Checking for overdispersion
A Poisson distribution has mean equal to variance. Insurance claim counts regularly violate this: the variance typically exceeds the mean by a factor of 1.5–4× on motor portfolios. This does not bias the coefficient estimates — the Poisson score equations give consistent estimators regardless — but it means the model-based standard errors understate the true uncertainty.
# Pearson chi-squared statistic / degrees of freedom
mu_all = model.predict(X_train, offset=np.log(exp_train)) * exp_train
pearson_resid = (y_train - mu_all) / np.sqrt(np.maximum(mu_all, 1e-12))
n_params = X_train.shape[1] + 1 # +1 for intercept
dispersion = np.sum(pearson_resid ** 2) / (len(y_train) - n_params)
print(f"Estimated dispersion: {dispersion:.3f}")
# Estimated dispersion: 1.847
A dispersion of 1.85 means the data are moderately overdispersed. To use quasi-Poisson inference — which inflates standard errors to account for overdispersion — multiply all standard errors by sqrt(dispersion):
phi = dispersion
coef_df["std_err_qp"] = model.coef_se_ * np.sqrt(phi)
coef_df["ci_lower_qp"] = np.exp(model.coef_ - 1.96 * coef_df["std_err_qp"])
coef_df["ci_upper_qp"] = np.exp(model.coef_ + 1.96 * coef_df["std_err_qp"])

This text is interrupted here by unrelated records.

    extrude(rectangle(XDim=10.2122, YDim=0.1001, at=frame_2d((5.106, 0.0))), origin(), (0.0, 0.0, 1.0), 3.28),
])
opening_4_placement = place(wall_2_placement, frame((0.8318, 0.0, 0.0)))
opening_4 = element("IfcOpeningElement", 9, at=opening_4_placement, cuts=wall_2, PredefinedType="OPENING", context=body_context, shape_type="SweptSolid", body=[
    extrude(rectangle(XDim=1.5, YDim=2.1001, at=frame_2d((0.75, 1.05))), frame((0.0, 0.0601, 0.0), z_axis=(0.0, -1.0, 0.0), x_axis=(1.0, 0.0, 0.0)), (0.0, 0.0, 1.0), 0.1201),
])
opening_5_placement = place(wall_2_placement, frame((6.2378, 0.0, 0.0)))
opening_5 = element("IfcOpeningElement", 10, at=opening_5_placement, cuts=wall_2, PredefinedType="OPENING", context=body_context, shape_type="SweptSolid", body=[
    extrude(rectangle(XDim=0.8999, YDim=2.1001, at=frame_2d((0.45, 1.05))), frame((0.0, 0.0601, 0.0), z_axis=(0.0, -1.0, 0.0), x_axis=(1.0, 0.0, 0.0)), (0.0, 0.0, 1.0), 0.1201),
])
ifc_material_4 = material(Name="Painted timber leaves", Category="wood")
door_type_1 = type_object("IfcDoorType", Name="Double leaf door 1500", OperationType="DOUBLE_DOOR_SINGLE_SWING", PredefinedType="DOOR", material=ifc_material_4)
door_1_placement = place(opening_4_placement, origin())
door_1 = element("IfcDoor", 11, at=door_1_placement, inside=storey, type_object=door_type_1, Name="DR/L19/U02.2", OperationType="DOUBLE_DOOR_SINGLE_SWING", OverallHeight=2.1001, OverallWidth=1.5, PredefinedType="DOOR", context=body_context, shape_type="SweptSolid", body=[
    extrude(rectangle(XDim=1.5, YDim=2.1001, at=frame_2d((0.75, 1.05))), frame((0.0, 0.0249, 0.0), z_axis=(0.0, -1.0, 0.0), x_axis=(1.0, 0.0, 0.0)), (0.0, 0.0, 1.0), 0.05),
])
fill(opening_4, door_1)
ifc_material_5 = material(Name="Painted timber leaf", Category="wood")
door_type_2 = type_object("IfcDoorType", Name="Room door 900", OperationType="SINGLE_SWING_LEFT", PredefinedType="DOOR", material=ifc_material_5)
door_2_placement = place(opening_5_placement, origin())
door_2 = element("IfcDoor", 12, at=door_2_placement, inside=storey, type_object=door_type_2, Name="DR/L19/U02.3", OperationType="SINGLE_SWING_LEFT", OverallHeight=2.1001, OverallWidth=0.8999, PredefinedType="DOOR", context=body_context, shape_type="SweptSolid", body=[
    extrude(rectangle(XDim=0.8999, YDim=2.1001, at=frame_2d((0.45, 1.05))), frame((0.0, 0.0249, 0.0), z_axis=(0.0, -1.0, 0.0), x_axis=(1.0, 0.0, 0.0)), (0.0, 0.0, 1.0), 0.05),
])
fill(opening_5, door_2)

In practice: a dispersion around 1.5–2.5 is normal for motor frequency data and does not change which variables you include. A dispersion of 5+ suggests something is wrong — missing interactions, heterogeneous sub-portfolios that should be modelled separately, or data quality issues with claim counts (duplicate records, unreported partial-year adjustments).
What to do next
This tutorial covers the core workflow: load, prepare, fit, validate, extract. Three natural extensions:
Nonlinear terms. Driver age has a U-shaped frequency profile — higher at both ends of the age range. Adding DrivAge**2 as a feature captures this with two parameters; using insurance-gam for a shape-constrained spline is cleaner and avoids the need to constrain the quadratic sign manually.
Interaction detection. The GLM above fits main effects only. If the age-by-vehicle-power interaction is present in the data — younger drivers in higher-powered vehicles disproportionately worse — a main-effects GLM will systematically underprice that segment. The automated approach using neural interaction detection is covered in Finding the Interactions Your GLM Missed.

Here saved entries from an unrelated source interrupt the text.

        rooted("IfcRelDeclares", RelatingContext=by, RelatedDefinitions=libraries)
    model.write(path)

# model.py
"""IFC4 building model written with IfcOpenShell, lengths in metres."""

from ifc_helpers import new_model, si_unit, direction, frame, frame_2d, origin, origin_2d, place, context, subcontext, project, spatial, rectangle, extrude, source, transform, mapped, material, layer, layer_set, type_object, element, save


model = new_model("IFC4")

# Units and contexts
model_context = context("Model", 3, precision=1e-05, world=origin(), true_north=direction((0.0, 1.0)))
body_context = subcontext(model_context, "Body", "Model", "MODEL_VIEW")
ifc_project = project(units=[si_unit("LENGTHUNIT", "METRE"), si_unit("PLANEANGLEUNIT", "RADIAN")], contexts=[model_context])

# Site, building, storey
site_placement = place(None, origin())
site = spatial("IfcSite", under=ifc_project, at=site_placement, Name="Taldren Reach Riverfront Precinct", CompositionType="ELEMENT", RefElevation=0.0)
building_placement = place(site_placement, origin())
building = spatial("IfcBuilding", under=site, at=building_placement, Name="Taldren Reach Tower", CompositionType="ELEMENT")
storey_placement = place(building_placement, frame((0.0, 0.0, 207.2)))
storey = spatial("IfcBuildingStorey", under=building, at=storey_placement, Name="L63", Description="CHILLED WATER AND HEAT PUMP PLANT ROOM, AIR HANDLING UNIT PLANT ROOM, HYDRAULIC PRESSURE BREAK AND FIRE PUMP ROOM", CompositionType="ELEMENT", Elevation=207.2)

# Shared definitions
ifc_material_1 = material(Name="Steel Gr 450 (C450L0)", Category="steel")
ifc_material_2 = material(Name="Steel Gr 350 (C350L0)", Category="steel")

Model monitoring. A fitted GLM deployed to price new business will drift as the portfolio mix changes. The insurance-monitoring library implements score decomposition and population stability indices for tracking GLM performance over time — the full setup is covered in our practitioner guide to insurance model monitoring in Python.

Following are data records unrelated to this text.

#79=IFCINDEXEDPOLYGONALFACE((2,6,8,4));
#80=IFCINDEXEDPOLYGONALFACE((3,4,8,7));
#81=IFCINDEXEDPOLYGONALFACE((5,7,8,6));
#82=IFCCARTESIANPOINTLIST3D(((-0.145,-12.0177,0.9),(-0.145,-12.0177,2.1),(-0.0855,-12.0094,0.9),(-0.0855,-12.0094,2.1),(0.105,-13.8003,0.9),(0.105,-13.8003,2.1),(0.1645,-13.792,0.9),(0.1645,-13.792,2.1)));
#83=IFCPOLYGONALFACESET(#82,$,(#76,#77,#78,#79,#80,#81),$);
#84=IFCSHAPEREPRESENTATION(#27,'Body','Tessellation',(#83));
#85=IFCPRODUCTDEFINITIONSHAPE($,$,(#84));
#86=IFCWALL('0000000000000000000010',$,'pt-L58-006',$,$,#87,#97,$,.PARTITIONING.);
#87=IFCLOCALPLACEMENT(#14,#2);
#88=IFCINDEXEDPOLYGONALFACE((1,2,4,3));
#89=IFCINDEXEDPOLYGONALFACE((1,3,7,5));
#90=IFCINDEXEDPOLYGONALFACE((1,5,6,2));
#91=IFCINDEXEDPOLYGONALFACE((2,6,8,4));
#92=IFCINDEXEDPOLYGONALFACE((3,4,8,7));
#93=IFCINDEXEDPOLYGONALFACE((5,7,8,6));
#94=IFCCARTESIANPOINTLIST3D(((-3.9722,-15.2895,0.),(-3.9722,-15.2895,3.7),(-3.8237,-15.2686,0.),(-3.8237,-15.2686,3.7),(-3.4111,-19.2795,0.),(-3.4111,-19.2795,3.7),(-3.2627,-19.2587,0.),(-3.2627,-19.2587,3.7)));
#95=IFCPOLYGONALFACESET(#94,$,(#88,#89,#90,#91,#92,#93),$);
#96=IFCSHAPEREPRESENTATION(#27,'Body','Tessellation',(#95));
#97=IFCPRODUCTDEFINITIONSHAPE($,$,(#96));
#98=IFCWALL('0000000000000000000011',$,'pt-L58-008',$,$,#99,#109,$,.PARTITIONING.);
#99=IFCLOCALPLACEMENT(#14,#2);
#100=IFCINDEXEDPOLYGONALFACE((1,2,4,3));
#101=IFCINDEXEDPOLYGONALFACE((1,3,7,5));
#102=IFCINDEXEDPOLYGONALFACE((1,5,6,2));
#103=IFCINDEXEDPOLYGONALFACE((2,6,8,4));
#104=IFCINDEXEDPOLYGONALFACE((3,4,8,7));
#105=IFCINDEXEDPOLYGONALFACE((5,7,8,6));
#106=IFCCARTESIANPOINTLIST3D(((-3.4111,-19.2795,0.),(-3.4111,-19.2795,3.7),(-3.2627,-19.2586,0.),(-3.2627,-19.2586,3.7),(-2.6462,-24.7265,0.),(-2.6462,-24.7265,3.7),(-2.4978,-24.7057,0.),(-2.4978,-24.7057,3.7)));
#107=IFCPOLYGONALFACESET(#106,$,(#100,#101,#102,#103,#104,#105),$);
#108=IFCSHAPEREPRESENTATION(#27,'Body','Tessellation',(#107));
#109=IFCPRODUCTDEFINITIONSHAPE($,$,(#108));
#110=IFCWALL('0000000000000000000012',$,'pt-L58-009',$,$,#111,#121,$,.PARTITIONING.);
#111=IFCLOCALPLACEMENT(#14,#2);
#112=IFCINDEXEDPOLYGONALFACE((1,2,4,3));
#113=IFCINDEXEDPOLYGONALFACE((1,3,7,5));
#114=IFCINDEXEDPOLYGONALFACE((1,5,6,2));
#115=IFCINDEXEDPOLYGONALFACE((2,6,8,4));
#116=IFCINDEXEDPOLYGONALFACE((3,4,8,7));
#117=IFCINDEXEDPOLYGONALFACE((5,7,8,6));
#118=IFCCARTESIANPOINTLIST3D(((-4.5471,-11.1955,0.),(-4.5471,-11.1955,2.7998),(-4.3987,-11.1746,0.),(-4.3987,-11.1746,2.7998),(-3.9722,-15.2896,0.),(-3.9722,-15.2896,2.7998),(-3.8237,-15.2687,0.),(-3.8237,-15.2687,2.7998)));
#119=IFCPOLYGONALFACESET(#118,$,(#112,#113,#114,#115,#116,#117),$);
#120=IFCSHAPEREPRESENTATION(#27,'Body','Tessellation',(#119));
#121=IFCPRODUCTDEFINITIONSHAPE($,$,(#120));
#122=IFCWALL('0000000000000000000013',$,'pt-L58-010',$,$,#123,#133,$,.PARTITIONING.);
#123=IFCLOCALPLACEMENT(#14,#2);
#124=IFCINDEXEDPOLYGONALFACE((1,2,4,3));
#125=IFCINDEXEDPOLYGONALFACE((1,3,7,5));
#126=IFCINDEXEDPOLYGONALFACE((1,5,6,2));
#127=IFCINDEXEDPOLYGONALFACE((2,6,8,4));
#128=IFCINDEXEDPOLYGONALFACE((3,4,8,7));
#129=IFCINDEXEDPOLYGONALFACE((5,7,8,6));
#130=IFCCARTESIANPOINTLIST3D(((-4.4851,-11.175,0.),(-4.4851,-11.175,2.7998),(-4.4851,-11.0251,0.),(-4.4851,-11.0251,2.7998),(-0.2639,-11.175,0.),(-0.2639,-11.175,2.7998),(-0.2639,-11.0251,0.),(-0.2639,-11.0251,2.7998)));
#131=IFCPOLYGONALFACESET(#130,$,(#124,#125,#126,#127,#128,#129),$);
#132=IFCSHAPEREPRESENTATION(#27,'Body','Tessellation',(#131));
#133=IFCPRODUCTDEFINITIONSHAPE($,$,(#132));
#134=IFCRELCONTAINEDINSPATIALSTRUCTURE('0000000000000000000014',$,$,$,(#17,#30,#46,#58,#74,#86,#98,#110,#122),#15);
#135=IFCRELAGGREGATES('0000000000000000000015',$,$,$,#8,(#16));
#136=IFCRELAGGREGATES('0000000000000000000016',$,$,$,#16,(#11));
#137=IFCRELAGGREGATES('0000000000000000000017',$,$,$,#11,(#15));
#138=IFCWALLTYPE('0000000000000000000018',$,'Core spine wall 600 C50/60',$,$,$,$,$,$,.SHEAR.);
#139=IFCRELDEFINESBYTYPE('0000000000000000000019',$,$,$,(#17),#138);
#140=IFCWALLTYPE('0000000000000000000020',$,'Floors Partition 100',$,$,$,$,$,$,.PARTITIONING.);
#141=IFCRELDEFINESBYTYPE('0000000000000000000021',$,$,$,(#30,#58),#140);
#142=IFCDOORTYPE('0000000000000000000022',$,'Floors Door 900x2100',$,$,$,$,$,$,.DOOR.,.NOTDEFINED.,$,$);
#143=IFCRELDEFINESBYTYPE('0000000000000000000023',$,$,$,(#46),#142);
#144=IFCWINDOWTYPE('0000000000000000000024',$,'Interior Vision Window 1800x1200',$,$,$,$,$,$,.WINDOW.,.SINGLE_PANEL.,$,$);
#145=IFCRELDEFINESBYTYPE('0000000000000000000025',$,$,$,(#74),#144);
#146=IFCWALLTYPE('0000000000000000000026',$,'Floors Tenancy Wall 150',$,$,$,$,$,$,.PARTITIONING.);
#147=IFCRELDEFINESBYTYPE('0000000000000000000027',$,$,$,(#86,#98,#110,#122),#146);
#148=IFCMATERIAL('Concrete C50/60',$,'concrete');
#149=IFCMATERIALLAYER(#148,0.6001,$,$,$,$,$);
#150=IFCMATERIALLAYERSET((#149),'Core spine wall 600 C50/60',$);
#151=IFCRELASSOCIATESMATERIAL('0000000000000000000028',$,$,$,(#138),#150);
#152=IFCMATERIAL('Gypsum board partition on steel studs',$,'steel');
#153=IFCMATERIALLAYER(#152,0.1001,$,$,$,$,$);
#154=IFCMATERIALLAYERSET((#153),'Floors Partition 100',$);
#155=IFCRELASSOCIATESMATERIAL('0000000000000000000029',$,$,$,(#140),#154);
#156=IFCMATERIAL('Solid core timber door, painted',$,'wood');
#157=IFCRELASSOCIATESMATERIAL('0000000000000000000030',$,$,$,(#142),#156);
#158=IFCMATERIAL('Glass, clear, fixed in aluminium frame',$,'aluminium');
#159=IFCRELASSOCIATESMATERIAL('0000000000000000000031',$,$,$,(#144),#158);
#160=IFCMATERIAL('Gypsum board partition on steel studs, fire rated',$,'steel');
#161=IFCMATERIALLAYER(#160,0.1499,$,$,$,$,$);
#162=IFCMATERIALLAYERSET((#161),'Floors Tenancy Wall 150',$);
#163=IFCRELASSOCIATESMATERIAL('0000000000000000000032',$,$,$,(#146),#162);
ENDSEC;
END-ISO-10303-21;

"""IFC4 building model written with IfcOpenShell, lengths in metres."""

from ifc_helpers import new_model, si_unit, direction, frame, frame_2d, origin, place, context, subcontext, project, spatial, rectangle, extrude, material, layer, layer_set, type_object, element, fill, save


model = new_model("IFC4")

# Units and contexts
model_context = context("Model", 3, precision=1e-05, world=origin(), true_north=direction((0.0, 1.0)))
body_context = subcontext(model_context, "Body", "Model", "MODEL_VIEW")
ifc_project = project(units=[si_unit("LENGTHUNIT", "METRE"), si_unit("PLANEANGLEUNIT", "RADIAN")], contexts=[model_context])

The freMTPL2 Poisson GLM we built here reaches a test Poisson deviance of approximately 0.313. The Python insurance pricing benchmark documents how CatBoost, XGBoost, and LightGBM compare on the same dataset. The short answer: the GBMs score meaningfully better on discrimination. The longer answer: the GLM’s interpretability — the ability to read off factor relativities, audit each coefficient, and produce clean factor tables for a rating engine — is why most production pricing teams use it as their deployed model even when a GBM trains alongside it.